Aberration correction by nonlinear beam mixing: generation of a pseudo point sound source.

Nonlinear beam mixing with microbubbles was explored to create a pseudo point source for aberration correction of therapeutic ultrasound. A damping coefficient for a bubble driven by a dual frequency sound field was derived by revisiting Prosperetti's linearized damping model. As a result, the overall damping term for dual frequency was obtained by linear summation of two damping terms for each frequency. The numerical simulation based on the bubble model suggests that the most efficient size range to generate a 1 MHz frequency from 4 MHz and 5 MHz sound sources is 2.6 to 3.0 microm. Furthermore, this size range constitutes the primary distribution of a specific ultrasound contrast agent. When a chamber of 0.1% of the diluted agent is sonified by 4 MHz and 5 MHz sound beams with 80 degrees incident angle between them, an approximately 100 Pa, 1 MHz difference frequency signal can be measured approximately 10 cm away. In addition, the received 1 MHz difference frequency signal shows omni-directional characteristics, even though the overlap zone of the two sound beams is on the order of the difference frequency wavelength. Therefore, the induced sound source can be considered as a pseudo point source and is expected to be useful for aberration correction for therapeutic ultrasound.

Effects of contrast agent infusion rates on thresholds for tissue damage produced by single exposures of high-intensity ultrasound.

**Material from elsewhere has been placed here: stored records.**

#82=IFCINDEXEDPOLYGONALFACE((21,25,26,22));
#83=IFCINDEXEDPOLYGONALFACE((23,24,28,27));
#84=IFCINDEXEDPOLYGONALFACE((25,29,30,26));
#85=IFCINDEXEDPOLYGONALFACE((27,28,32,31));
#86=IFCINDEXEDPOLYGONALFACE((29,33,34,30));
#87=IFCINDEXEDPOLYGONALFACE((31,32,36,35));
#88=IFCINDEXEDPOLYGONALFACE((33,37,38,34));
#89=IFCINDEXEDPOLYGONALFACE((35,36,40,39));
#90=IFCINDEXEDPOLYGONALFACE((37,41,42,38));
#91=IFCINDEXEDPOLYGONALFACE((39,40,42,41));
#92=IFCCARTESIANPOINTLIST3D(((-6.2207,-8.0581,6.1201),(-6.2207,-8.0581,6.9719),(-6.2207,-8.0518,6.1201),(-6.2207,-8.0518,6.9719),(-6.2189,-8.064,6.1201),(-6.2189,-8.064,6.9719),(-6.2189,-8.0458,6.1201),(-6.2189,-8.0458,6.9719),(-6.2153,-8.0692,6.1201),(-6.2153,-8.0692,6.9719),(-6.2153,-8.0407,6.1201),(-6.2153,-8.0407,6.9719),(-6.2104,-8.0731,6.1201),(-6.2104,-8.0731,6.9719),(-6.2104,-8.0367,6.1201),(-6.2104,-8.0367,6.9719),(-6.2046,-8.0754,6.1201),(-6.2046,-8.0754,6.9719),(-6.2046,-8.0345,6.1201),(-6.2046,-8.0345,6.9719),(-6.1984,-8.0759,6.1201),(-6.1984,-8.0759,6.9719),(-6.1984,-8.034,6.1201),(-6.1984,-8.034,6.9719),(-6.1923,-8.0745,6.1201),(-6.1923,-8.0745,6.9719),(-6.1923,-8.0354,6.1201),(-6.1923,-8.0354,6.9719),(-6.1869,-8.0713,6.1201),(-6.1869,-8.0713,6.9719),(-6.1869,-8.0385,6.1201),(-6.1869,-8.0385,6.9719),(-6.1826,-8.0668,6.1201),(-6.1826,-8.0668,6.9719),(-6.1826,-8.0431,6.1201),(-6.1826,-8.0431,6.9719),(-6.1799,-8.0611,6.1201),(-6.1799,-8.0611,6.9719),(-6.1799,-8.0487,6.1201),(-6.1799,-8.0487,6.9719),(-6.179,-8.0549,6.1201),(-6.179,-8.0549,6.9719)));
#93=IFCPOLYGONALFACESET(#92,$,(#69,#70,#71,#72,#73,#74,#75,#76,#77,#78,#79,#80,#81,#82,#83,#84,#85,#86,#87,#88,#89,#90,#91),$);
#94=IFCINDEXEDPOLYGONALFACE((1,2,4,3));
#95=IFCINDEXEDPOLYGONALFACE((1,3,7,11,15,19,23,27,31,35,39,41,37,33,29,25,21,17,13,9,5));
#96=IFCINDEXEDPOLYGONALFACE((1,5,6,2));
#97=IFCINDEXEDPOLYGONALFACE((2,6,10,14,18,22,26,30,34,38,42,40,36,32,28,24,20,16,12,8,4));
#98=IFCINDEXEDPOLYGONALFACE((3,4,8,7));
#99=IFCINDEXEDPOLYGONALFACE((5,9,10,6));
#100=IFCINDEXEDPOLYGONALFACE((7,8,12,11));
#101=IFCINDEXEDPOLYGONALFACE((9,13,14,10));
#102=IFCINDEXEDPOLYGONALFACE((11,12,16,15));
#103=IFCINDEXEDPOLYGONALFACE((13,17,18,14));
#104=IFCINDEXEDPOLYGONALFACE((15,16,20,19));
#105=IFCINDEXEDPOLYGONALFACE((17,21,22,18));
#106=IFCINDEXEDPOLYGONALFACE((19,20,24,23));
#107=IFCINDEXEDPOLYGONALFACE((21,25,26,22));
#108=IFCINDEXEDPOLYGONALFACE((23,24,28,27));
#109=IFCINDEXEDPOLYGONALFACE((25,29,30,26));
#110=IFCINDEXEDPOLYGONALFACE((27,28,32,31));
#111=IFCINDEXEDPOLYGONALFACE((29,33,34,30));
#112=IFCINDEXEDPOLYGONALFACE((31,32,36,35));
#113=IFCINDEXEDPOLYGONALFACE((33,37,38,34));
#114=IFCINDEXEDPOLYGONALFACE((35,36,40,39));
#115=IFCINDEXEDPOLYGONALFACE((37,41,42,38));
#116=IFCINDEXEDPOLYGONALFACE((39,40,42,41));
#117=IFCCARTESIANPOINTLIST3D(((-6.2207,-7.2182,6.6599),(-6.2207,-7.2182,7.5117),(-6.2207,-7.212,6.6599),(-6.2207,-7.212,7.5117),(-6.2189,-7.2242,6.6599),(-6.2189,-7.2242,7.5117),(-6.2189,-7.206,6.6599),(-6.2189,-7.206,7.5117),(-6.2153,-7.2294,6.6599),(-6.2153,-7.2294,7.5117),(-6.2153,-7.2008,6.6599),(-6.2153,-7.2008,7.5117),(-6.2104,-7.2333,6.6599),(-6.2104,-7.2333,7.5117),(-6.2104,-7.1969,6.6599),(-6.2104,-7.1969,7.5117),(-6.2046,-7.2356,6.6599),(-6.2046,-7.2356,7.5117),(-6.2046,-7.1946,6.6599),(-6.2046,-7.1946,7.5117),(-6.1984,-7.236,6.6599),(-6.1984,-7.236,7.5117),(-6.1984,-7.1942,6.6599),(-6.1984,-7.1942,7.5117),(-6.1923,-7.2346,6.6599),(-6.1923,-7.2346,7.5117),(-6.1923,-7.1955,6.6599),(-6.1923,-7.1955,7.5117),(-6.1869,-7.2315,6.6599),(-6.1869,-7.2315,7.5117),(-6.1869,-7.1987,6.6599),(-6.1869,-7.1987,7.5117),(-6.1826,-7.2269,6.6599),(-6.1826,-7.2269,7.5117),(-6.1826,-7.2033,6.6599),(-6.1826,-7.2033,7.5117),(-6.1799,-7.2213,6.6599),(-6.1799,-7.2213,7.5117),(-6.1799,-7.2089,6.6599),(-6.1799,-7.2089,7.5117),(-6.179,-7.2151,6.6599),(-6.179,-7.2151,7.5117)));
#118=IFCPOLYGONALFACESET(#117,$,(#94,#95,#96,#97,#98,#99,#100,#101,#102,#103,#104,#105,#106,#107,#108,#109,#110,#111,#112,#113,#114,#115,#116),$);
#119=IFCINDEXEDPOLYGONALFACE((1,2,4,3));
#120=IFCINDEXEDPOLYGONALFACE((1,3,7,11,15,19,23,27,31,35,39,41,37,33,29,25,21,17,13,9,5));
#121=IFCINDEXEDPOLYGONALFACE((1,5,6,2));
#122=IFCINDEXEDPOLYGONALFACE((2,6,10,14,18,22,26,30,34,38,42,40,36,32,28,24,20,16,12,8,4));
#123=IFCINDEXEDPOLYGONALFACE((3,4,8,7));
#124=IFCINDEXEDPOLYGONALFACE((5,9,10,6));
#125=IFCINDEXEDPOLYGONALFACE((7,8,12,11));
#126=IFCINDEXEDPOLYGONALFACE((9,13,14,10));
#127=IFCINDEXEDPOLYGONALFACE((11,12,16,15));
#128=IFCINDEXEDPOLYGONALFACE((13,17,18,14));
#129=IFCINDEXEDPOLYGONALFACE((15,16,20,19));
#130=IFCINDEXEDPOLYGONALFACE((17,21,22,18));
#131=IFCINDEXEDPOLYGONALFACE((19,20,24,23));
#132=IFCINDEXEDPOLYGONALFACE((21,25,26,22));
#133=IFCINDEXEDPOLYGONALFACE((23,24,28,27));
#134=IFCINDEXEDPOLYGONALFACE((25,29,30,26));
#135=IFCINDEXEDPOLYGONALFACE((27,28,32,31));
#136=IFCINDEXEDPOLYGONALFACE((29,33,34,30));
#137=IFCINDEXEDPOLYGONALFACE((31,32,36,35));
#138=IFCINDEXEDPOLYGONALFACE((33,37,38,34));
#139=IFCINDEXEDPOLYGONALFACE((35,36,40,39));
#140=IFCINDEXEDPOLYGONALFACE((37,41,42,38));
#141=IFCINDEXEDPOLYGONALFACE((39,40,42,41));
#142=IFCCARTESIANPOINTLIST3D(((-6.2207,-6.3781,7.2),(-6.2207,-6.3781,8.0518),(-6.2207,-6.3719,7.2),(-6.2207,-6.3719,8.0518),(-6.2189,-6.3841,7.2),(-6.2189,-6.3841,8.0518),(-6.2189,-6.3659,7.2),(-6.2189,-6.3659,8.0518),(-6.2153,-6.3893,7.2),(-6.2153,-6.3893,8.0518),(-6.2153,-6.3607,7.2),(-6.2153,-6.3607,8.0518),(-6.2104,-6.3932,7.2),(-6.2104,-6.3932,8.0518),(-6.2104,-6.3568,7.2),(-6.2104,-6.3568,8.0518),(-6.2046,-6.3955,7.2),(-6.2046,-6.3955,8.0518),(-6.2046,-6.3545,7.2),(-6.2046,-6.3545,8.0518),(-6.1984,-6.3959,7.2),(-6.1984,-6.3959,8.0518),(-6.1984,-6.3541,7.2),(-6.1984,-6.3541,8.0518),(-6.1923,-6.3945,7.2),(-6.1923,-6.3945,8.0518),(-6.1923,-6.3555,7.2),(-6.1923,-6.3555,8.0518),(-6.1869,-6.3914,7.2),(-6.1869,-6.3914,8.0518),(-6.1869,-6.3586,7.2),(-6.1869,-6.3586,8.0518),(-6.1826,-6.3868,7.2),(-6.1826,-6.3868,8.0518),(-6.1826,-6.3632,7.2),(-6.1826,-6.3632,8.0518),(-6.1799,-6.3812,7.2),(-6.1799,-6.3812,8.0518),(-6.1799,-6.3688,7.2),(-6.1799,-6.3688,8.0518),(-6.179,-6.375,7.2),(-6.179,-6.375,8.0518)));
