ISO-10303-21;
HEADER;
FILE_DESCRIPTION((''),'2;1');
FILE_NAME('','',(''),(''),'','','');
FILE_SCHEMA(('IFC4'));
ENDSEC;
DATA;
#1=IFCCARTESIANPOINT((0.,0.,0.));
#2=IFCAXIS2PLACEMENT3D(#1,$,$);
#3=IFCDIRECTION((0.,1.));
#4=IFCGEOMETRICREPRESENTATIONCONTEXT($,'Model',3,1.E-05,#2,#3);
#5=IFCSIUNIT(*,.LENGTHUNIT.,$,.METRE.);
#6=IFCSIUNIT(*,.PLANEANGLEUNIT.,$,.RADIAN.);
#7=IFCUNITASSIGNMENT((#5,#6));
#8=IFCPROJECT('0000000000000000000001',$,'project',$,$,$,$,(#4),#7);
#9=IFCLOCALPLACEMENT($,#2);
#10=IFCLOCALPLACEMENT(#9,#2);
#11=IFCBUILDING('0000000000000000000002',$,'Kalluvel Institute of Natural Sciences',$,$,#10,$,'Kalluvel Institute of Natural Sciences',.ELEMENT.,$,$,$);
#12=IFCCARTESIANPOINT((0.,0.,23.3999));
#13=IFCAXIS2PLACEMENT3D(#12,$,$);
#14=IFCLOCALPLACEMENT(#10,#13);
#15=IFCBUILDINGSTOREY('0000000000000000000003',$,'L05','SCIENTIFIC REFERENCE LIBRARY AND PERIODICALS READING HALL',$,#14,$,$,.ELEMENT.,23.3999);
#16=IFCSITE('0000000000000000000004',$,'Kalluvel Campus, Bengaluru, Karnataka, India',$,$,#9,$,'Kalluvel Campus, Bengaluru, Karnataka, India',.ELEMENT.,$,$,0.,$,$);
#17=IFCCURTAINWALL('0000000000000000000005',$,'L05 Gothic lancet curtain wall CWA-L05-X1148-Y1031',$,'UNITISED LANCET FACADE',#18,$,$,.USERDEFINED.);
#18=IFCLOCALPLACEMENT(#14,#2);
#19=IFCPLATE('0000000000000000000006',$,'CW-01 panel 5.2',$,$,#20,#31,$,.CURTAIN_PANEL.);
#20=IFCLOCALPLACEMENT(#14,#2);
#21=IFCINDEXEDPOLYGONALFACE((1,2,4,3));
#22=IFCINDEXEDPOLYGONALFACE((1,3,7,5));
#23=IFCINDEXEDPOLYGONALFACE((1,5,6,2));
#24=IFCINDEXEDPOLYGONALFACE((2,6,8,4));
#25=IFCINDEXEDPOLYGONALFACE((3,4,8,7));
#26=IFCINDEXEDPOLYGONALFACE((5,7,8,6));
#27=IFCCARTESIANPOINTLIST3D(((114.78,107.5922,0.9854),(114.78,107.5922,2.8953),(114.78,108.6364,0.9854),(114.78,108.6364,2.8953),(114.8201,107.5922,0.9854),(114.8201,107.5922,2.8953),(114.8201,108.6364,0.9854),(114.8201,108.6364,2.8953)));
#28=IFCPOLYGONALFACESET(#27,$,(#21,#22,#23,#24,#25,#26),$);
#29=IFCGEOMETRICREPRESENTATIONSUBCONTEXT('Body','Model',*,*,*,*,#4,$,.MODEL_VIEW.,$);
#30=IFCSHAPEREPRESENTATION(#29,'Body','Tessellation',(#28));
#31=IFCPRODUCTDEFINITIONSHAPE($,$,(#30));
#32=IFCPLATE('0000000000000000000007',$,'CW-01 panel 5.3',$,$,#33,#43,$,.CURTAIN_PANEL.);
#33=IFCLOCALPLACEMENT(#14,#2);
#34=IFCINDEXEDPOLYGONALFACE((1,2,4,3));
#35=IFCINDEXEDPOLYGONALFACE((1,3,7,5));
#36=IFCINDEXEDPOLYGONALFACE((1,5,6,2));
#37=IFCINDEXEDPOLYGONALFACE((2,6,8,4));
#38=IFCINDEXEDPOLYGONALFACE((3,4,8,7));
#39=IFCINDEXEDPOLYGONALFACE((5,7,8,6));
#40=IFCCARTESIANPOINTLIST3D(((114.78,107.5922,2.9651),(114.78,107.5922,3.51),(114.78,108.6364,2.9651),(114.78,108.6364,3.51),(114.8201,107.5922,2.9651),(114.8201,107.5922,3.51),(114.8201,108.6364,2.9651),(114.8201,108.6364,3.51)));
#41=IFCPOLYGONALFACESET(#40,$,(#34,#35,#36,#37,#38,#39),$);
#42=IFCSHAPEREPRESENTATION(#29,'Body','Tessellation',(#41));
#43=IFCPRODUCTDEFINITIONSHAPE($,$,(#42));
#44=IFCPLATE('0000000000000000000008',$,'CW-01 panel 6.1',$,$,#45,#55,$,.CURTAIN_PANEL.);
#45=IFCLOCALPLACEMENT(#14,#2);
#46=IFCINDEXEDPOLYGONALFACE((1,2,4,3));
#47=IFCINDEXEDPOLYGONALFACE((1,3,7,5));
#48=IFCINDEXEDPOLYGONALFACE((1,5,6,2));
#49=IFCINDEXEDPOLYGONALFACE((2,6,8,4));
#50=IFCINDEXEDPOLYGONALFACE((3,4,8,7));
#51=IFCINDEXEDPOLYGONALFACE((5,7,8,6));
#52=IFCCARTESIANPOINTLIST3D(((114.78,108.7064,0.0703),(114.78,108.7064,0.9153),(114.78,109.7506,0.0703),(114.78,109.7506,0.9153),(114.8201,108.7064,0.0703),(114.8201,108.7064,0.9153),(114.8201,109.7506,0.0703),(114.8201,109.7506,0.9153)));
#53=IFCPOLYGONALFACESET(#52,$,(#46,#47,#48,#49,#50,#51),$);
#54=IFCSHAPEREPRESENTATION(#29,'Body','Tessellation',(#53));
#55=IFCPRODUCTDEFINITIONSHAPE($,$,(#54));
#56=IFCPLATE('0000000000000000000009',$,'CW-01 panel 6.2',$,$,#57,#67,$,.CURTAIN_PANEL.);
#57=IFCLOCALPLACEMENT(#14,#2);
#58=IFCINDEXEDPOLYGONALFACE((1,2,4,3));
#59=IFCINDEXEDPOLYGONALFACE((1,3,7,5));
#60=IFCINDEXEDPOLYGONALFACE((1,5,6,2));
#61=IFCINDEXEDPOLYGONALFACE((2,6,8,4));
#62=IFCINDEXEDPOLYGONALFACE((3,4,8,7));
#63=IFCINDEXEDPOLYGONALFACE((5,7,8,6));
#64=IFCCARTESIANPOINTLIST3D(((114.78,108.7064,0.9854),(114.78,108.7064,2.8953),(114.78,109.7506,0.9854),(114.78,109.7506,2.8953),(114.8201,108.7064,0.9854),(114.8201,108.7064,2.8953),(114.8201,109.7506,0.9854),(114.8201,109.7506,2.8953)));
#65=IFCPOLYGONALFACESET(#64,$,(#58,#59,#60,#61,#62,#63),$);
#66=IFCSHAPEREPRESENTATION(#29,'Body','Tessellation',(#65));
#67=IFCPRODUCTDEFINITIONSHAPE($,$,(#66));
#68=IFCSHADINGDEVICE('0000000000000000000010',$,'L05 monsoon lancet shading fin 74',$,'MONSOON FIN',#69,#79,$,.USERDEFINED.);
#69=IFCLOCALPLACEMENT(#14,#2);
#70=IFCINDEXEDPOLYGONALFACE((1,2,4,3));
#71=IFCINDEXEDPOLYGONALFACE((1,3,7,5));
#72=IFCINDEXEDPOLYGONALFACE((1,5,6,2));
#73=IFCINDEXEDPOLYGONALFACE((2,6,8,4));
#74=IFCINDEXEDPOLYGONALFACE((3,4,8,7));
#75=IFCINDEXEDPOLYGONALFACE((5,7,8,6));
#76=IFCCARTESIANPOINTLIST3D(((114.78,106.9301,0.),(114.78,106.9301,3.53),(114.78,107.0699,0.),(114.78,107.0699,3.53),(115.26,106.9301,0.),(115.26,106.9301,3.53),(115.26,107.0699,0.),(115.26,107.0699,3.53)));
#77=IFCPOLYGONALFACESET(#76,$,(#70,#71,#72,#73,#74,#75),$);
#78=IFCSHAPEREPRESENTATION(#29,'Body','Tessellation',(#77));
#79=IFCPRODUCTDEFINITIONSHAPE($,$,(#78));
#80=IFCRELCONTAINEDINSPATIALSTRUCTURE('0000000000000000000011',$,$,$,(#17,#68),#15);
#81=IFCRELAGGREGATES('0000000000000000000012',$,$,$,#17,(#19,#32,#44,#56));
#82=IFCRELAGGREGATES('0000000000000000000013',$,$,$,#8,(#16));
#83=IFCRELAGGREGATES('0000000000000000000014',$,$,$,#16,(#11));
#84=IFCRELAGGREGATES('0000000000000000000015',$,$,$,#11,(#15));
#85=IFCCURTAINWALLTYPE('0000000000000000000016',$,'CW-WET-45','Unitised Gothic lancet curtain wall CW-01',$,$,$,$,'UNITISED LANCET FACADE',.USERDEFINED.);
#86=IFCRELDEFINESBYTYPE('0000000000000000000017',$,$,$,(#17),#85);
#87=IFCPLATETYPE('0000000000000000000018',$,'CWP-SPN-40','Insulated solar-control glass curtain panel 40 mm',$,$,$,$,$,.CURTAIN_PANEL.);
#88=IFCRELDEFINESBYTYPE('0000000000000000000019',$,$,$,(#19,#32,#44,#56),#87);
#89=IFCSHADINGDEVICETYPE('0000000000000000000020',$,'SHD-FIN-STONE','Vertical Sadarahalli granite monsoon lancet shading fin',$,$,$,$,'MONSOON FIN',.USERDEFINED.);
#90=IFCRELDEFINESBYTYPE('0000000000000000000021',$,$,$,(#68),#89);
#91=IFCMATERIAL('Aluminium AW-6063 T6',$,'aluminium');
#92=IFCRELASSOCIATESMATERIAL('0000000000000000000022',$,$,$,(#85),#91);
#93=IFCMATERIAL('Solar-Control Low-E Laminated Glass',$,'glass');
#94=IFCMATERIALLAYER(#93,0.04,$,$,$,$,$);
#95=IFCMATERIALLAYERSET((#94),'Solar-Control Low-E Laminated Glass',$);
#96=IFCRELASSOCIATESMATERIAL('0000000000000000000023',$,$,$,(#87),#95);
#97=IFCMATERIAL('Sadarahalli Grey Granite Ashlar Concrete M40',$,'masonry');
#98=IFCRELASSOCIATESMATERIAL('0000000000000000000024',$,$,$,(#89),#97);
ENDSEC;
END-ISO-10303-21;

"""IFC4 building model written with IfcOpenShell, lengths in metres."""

from ifc_helpers import new_model, si_unit, direction, frame, origin, origin_2d, place, context, subcontext, project, spatial, rectangle, extrude, material, layer, layer_set, type_object, element, aggregate, save


model = new_model("IFC4")

# Units and contexts
model_context = context("Model", 3, precision=1e-05, world=origin(), true_north=direction((0.0, 1.0)))
body_context = subcontext(model_context, "Body", "Model", "MODEL_VIEW")
ifc_project = project(units=[si_unit("LENGTHUNIT", "METRE"), si_unit("PLANEANGLEUNIT", "RADIAN")], contexts=[model_context])

# Site, building, storey
site_placement = place(None, origin())
site = spatial("IfcSite", under=ifc_project, at=site_placement, Name="Kalluvel Campus, Bengaluru, Karnataka, India", LongName="Kalluvel Campus, Bengaluru, Karnataka, India", CompositionType="ELEMENT", RefElevation=0.0)
building_placement = place(site_placement, origin())
building = spatial("IfcBuilding", under=site, at=building_placement, Name="Kalluvel Institute of Natural Sciences", LongName="Kalluvel Institute of Natural Sciences", CompositionType="ELEMENT")
storey_placement = place(building_placement, frame((0.0, 0.0, 23.3999)))
storey = spatial("IfcBuildingStorey", under=building, at=storey_placement, Name="L05", Description="SCIENTIFIC REFERENCE LIBRARY AND PERIODICALS READING HALL", CompositionType="ELEMENT", Elevation=23.3999)

# Curtain wall, plates
ifc_material_1 = material(Name="Aluminium AW-6063 T6", Category="aluminium")
curtain_wall_type = type_object("IfcCurtainWallType", Name="CW-WET-45", Description="Unitised Gothic lancet curtain wall CW-01", ElementType="UNITISED LANCET FACADE", PredefinedType="USERDEFINED", material=ifc_material_1)
curtain_wall_placement = place(storey_placement, origin())
curtain_wall = element("IfcCurtainWall", 1, at=curtain_wall_placement, inside=storey, type_object=curtain_wall_type, Name="L05 Gothic lancet curtain wall CWA-L05-X1148-Y1031", ObjectType="UNITISED LANCET FACADE", PredefinedType="USERDEFINED")
ifc_material_2 = material(Name="Solar-Control Low-E Laminated Glass", Category="glass")
ifc_layer = layer(ifc_material_2, 0.04)
ifc_layer_set = layer_set([ifc_layer], Name="Solar-Control Low-E Laminated Glass")
plate_type = type_object("IfcPlateType", Name="CWP-SPN-40", Description="Insulated solar-control glass curtain panel 40 mm", PredefinedType="CURTAIN_PANEL", material=ifc_layer_set)
plate_1_placement = place(storey_placement, frame((114.8, 108.1143, 0.9854), z_axis=(0.0, 0.0, 1.0), x_axis=(0.0, 1.0, 0.0)))
plate_1 = element("IfcPlate", 2, at=plate_1_placement, type_object=plate_type, Name="CW-01 panel 5.2", PredefinedType="CURTAIN_PANEL", context=body_context, shape_type="SweptSolid", body=[
    extrude(rectangle(XDim=1.0442, YDim=0.04, at=origin_2d()), origin(), (0.0, 0.0, 1.0), 1.9099),
])
plate_2_placement = place(storey_placement, frame((114.8, 108.1143, 2.9651), z_axis=(0.0, 0.0, 1.0), x_axis=(0.0, 1.0, 0.0)))
plate_2 = element("IfcPlate", 3, at=plate_2_placement, type_object=plate_type, Name="CW-01 panel 5.3", PredefinedType="CURTAIN_PANEL", context=body_context, shape_type="SweptSolid", body=[
    extrude(rectangle(XDim=1.0442, YDim=0.04, at=origin_2d()), origin(), (0.0, 0.0, 1.0), 0.5449),
])
plate_3_placement = place(storey_placement, frame((114.8, 109.2285, 0.0703), z_axis=(0.0, 0.0, 1.0), x_axis=(0.0, 1.0, 0.0)))
plate_3 = element("IfcPlate", 4, at=plate_3_placement, type_object=plate_type, Name="CW-01 panel 6.1", PredefinedType="CURTAIN_PANEL", context=body_context, shape_type="SweptSolid", body=[
    extrude(rectangle(XDim=1.0442, YDim=0.04, at=origin_2d()), origin(), (0.0, 0.0, 1.0), 0.845),
])
plate_4_placement = place(storey_placement, frame((114.8, 109.2285, 0.9854), z_axis=(0.0, 0.0, 1.0), x_axis=(0.0, 1.0, 0.0)))
plate_4 = element("IfcPlate", 5, at=plate_4_placement, type_object=plate_type, Name="CW-01 panel 6.2", PredefinedType="CURTAIN_PANEL", context=body_context, shape_type="SweptSolid", body=[
    extrude(rectangle(XDim=1.0442, YDim=0.04, at=origin_2d()), origin(), (0.0, 0.0, 1.0), 1.9099),
])
aggregate(curtain_wall, [plate_1, plate_2, plate_3, plate_4])

# Shading device
ifc_material_3 = material(Name="Sadarahalli Grey Granite Ashlar Concrete M40", Category="masonry")
shading_device_type = type_object("IfcShadingDeviceType", Name="SHD-FIN-STONE", Description="Vertical Sadarahalli granite monsoon lancet shading fin", ElementType="MONSOON FIN", PredefinedType="USERDEFINED", material=ifc_material_3)
shading_device_placement = place(storey_placement, frame((115.02, 107.0, 0.0), z_axis=(0.0, 0.0, 1.0), x_axis=(0.0, 1.0, 0.0)))
element("IfcShadingDevice", 6, at=shading_device_placement, inside=storey, type_object=shading_device_type, Name="L05 monsoon lancet shading fin 74", ObjectType="MONSOON FIN", PredefinedType="USERDEFINED", context=body_context, shape_type="SweptSolid", body=[
    extrude(rectangle(XDim=0.1399, YDim=0.48, at=origin_2d()), origin(), (0.0, 0.0, 1.0), 3.53),
])

save(model, "model.ifc")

Stabilized microbubble ultrasound contrast agents (UCA) have potential to aid tissue ablation during ultrasound surgery by enhancing both cavitational and thermal damage mechanisms. Previously, we showed UCA infused at a rate of 1 microL/kg/min prior to ultrasound exposure could reduce the total energy required to produce tissue damage by up to two orders of magnitude. In this paper, we evaluate thresholds for macroscopic tissue damage with UCA infusion rates (IR) of 0.1, 0.3, 1, 3, and 10 microL/kg/min to determine IR potentially effective for ultrasound therapy. Canine kidneys were surgically externalized and insonified with single exposures of focused ultrasound. Incident exposures were 1.44 MHz tone bursts, either 250 ms in duration with intensity between 500 W/cm2 and 3200 W/cm2, or 100 micros to 1 s in duration with intensity equal to 3200 W/cm2. Probabilities of tissue damage occurrence were determined for each set of exposure conditions (intensity, duration, and IR). A threshold intensity and threshold duration, defined as the quantities for which tissue damage occurred with probability equal to 0.5, were estimated for each IR. Results show that, as IR increased from 0.1 to 10 microL/kg/min, the threshold intensity decreased by up to a factor of 3, and threshold duration decreased by up to a factor of 200. Microbubble introduction at IR up to 10 microL/kg/min thus may be effective in aiding ultrasound therapy.